На мельхиоровом подносе дымились две чашки с чёрным кофе, и стояла тарелка с какими-то тортинками.
Пан Мечислав, казалось не заметил внезапное появление и исчезновение своей супруги, вдавленный в винтовое кресло, но, повернувшись, нисколько не удивился появлению подноса и только переставил стоящие на нём предметы на стол.
– Где похоронили Ингу, в Польше или в России? – спросила я, совсем не надеясь что-либо ещё вытянуть из него.
– Она была одинока, некому было сообщить о её смерти, поэтому она похоронена здесь, в Польше, – глухо произнёс он.
Я пыталась хотя бы ненароком поймать его взгляд и прочесть в его глазах, что же он чувствует в этот момент, но – тщетно.
Считая свой визит затянувшимся, я взвешивала – удобно ли попрощаться прямо сейчас, – мне вдруг захотелось уйти, – но он неожиданно заговорил о хозяевах, снимаемой мною квартиры.
Пан Мечислав и Кристина были родом из одного и того же местечка – Плоцк, – да и жили они по соседству достаточно долго.

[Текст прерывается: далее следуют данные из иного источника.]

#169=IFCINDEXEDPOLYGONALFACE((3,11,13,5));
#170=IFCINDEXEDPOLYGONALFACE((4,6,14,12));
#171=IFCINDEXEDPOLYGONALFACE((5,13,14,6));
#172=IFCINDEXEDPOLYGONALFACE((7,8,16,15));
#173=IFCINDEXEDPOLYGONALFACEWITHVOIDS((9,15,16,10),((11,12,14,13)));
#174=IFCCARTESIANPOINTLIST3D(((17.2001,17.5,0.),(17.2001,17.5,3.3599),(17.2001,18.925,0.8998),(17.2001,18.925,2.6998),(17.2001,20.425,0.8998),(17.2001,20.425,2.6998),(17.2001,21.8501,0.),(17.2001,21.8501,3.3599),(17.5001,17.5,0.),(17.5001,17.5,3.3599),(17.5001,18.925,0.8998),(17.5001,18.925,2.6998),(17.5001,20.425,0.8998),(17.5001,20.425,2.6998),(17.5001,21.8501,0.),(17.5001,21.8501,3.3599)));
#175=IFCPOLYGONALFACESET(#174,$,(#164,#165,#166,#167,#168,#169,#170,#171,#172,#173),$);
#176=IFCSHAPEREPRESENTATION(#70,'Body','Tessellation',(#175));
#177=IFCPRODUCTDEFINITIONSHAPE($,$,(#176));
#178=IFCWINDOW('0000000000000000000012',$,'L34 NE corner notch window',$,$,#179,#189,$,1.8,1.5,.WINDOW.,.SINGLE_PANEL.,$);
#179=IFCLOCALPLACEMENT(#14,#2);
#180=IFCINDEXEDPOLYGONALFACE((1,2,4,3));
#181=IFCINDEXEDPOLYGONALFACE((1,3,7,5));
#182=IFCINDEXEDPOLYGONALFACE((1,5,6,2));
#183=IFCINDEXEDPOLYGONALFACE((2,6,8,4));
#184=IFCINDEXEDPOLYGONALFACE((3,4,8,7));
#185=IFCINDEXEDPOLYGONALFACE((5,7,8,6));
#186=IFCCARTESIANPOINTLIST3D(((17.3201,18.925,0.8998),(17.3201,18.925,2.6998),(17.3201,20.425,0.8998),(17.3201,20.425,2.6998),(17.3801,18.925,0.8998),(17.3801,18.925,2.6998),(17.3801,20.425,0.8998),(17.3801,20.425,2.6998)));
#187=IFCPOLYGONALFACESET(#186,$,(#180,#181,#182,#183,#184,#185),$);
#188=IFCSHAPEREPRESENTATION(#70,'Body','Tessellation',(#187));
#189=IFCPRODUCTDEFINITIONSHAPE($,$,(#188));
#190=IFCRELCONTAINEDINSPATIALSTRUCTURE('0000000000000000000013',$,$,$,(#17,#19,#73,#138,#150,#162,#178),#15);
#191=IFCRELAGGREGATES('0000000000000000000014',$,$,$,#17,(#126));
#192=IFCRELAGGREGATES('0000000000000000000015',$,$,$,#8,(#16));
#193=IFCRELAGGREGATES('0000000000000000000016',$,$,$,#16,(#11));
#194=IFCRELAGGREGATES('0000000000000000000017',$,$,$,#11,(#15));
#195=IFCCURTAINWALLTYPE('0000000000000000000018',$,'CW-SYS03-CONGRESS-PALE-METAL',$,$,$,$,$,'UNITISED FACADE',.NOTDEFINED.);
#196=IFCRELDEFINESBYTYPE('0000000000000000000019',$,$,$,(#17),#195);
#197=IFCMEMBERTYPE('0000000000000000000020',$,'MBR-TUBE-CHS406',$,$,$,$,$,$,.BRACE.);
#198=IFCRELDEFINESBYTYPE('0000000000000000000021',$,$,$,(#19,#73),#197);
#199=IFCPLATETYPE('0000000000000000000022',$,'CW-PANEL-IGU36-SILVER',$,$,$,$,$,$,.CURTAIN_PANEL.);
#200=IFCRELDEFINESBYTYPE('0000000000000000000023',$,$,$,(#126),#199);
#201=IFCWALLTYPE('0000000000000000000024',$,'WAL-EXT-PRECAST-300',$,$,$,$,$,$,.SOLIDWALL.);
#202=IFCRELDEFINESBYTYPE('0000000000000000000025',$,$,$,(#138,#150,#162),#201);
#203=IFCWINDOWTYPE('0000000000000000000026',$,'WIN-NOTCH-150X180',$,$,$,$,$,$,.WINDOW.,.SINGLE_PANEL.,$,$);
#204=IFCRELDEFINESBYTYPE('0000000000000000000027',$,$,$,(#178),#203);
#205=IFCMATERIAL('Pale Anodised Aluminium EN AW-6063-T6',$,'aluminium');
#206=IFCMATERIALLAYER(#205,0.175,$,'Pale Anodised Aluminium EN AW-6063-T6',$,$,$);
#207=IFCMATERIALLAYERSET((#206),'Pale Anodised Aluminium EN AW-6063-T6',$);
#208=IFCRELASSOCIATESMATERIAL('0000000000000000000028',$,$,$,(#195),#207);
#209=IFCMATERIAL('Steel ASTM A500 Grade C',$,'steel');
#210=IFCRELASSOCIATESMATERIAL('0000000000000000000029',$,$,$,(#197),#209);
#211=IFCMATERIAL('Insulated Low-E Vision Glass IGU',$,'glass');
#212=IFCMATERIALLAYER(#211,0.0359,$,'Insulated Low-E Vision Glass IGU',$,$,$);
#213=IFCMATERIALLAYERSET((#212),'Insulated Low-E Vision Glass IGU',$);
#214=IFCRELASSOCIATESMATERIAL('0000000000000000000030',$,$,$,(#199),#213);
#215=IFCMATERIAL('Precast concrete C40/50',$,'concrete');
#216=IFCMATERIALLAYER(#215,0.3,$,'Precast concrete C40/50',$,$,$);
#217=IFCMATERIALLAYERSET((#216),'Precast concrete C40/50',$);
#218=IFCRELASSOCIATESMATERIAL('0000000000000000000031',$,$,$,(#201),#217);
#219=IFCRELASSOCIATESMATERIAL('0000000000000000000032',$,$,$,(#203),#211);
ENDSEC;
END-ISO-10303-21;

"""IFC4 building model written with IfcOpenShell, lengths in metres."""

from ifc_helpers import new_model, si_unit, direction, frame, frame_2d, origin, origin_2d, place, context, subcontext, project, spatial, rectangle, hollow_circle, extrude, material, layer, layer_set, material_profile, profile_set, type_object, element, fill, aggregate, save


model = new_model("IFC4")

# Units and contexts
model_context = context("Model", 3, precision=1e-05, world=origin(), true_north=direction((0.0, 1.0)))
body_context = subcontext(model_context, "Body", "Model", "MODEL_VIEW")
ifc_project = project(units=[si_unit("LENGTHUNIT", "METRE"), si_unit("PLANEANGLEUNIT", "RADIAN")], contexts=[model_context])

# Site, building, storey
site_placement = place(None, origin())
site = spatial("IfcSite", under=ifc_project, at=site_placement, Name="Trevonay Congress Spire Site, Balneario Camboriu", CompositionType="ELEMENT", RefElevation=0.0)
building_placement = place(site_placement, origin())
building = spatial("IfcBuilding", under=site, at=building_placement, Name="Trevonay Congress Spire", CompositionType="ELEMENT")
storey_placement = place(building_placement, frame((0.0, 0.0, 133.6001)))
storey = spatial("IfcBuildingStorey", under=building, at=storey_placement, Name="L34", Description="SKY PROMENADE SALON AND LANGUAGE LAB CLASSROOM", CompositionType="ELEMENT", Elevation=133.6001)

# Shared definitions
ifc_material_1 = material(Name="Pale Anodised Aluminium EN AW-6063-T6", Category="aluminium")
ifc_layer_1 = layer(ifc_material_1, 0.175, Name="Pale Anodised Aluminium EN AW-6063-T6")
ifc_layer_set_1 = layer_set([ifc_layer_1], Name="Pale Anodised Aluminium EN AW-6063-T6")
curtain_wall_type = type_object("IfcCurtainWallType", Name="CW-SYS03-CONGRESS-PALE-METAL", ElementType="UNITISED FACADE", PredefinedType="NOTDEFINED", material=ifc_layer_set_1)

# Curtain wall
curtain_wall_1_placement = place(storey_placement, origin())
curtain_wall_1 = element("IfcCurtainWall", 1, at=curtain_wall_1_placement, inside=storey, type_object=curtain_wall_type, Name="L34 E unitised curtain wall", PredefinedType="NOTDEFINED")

Жизнь Кристины, начиная с бурной молодости, была известна пану Мечиславу в мельчайших интимных подробностях; её основной профессией долгое время была проституция. Анджей – личность дерзкая и опасная. В Варшаве о нём никто ничего не знает. Какой именно багаж криминального прошлого носил этот человек было тайной.
Пан Мечислав так горячо и убедительно просил меня быть осторожной с этими бесчестными людьми, что меня на какой-то момент обуял страх. Более того, он называл их коварными обманщиками и злодеями, давал наставления, просил во всём рассчитывать на его помощь и предложил покровительство и партнёрство – присоединиться к его бизнесу, внеся определённый капитал. Советовал, что если я хочу жить в этой стране, то разумно будет выйти замуж за поляка, приобретая, таким образом, вид на жительство.
Насчёт партнёрства, я обещала подумать, а вот рассказ пана Мечислова был только подтверждением моих догадок, относительно прошлого людей, с которыми свела меня злая судьбина.
Я вышла от пана Мечислава в окончательно удручённом состоянии, на какое-то время забыв о погибшей Инге, мне нужно было подумать о себе, поскольку, я остро чувствовала, что тучи надо мной сгущаются.